How Much Should You Spend?
12 Jul 2007
How Much Should You Spend?
The Discount Engagement Ring vs. The Most Expensive Jewel
When it comes to buying an engagement ring, many guys cringe at the price tag. It can seem wasteful and extravagant to spend two or three months’ salary on a piece of jewelry—but naturally, you want her to love the ring. The amount you spend on an engagement ring can be a delicate issue.
So, should you look for a discount engagement ring, or opt for extravagance? That answer depends on your situation and your future fiancée’s preferences. Here, we’ll weigh your options and help you decide for yourself whether cheap diamond rings are better or worse than the pricier option.
His Side: Why You Shouldn’t Blow Your Savings on a Ring
A guy is often put in a difficult position when it comes to buying an engagement ring. If you’re too cheap, you could hurt her feelings. But diamonds can be expensive, and an extravagant ring may be beyond your means.
No matter what your money situation is, there are plenty of reasons why you shouldn’t have to strain your finances to buy a ring. Here are a few of the more compelling ones.
Because you can’t afford it. This is crucial: if you’re struggling to meet your monthly obligations, you definitely can’t afford to drop a lot of money on a ring. Your fiancée should be aware of your financial situation. She shouldn’t expect you to spend more than you can afford. The important thing, after all, is your feelings for her—not the amount of money you spent on the ring.
If you have financial issues that prevent you from buying a traditional engagement ring, it may be a good idea to talk it over with your fiancée. She may not want an expensive engagement ring. She may also be happy to accept a cheap-but-meaningful ring with the expectation that you will buy her an upgrade once your financial situation has improved.
Because there may be something else you both want more. An engagement ring can cost thousands of dollars. It’s a beautiful gesture, but both of you might prefer to see that money spent elsewhere: on the wedding, on a honeymoon, or on a down payment for your first house together, for example.
It helps to know your fiancée’s priorities before making this decision. If she has her heart set on a romantic honeymoon or a dream house, she may be amenable to sacrificing a more expensive ring for the sake of her goal.
Because the “two months’ salary” guideline was invented by De Beers. When you ask the question of how much you’re expected to spend on a ring, this is what you’re most often told—lately, it’s been inching up to three months’ salary. This is possible for some and not for others, but there’s no way you should feel guilty about choosing not to spend this much.
The truth is that this guideline was invented by the diamond industry. It’s not an ancient and unassailable tradition. If you can’t or don’t want to spend this much, don’t feel you have to just because of the “two months’ salary” rule.
Her Side: Why You Shouldn’t be Too Thrifty
However, there are some equally important reasons why you shouldn’t simply decide to skimp on the ring. Most women do have certain expectations for their engagement rings. This can strike men as materialistic and shallow, but it often has little to do with materialism.
Because a substandard ring puts her in an awkward position.
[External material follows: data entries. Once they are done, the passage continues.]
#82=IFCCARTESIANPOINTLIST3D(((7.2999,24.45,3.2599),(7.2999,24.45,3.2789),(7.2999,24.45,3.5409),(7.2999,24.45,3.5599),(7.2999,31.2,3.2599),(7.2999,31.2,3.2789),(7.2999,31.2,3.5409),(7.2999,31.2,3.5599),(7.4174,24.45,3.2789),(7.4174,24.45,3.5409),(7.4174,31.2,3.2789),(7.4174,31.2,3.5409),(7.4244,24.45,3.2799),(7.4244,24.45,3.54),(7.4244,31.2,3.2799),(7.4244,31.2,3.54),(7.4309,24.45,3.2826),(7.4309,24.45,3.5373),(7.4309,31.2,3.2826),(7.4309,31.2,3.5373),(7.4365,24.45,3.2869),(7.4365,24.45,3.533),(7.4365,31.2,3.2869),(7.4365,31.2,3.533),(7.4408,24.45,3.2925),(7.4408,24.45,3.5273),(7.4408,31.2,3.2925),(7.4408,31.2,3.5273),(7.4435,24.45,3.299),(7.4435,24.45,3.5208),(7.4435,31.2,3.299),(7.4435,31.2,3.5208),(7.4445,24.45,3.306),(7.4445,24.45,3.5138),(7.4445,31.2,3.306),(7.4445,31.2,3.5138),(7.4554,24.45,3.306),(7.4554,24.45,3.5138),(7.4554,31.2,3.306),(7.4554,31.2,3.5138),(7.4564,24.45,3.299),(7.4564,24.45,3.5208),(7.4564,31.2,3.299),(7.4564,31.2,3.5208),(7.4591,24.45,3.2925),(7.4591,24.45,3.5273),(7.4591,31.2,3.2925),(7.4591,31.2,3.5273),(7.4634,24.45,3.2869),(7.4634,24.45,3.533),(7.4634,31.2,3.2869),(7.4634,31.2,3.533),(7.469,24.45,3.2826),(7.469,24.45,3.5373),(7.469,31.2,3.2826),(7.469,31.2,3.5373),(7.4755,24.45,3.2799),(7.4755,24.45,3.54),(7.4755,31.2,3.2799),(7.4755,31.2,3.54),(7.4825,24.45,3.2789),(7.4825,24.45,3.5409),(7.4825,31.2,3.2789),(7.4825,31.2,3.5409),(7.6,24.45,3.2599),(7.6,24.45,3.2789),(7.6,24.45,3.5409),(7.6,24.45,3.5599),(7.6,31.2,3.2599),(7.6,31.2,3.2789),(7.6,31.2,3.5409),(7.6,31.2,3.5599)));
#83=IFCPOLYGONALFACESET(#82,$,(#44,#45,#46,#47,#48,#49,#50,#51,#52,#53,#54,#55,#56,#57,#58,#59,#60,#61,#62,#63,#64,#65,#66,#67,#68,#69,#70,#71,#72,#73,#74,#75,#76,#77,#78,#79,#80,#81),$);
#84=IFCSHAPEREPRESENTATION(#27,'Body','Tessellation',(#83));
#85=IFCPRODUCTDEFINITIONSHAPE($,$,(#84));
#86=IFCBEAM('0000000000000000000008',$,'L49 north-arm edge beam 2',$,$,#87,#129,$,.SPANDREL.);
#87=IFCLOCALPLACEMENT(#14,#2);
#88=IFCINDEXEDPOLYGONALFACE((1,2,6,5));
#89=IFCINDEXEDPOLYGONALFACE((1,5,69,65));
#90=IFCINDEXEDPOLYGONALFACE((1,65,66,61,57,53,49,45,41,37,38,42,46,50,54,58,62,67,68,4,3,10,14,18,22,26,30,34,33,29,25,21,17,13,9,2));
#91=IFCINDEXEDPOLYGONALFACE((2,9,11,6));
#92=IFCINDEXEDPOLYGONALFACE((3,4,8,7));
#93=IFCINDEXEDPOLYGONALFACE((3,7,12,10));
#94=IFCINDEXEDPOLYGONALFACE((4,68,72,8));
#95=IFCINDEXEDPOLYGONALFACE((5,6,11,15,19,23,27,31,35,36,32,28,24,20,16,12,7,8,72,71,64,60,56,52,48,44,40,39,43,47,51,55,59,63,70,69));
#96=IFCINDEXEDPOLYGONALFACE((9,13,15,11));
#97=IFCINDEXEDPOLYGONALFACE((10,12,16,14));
No matter how unconcerned she is with material things, she will have to live with the ring you give her. And if you obviously didn’t spend much on the ring, this could be very uncomfortable for her.
When a woman gets engaged, the first thing everyone says is “let’s see the ring!” She’ll have to pull it out and show it to her friends, family, and co-workers. If it’s obviously a discount ring, her peers will definitely question your commitment to her—and she’ll know what they’re thinking, even if they don’t say it. She may be frequently put in a position where she has to smile tensely and say, “oh, I really didn’t care about the engagement ring anyway.” Unless this is the honest truth, this can be difficult—even painful—for her.
Because the beautiful engagement ring is every little girl’s fantasy. Bear in mind that most women have been dreaming about the moment when their true love proposes to them since they were very young, and the ring is an important part of that fantasy.
Hopefully, this is the only time in your girlfriend’s life when a man will ask her to be his wife. And if she doesn’t like the ring, the moment can be a huge letdown—the anticlimactic end to a dream that she’s had for years. You shouldn’t have to spend more than you can afford, but you also shouldn’t take your girlfriend’s desire for a nice ring too lightly. For many women, it’s the culmination of a lifetime of romantic dreams.
Because, like it or not, your ring says something about your commitment. In ancient and medieval times, an engagement ring was a testament to a man’s ability to support a wife and family. Times have changed, but the engagement ring still makes a statement about your feelings and commitment to your future bride.
An engagement ring is a commitment in itself. It says that you are invested enough in your relationship to spend a significant amount of money on something for her. Even if you don’t see it that way, she might—especially if she’s used to seeing you spend large amounts of money on other items for yourself.
It’s understandable for men to believe that if their girlfriends love them, they won’t care how much the ring cost. But if she does care, it doesn’t necessarily mean she’s materialistic. The truth is that how much you should spend on an engagement ring depends on her expectations as well as your budget. The “right” amount for you often means striking the right balance between these two.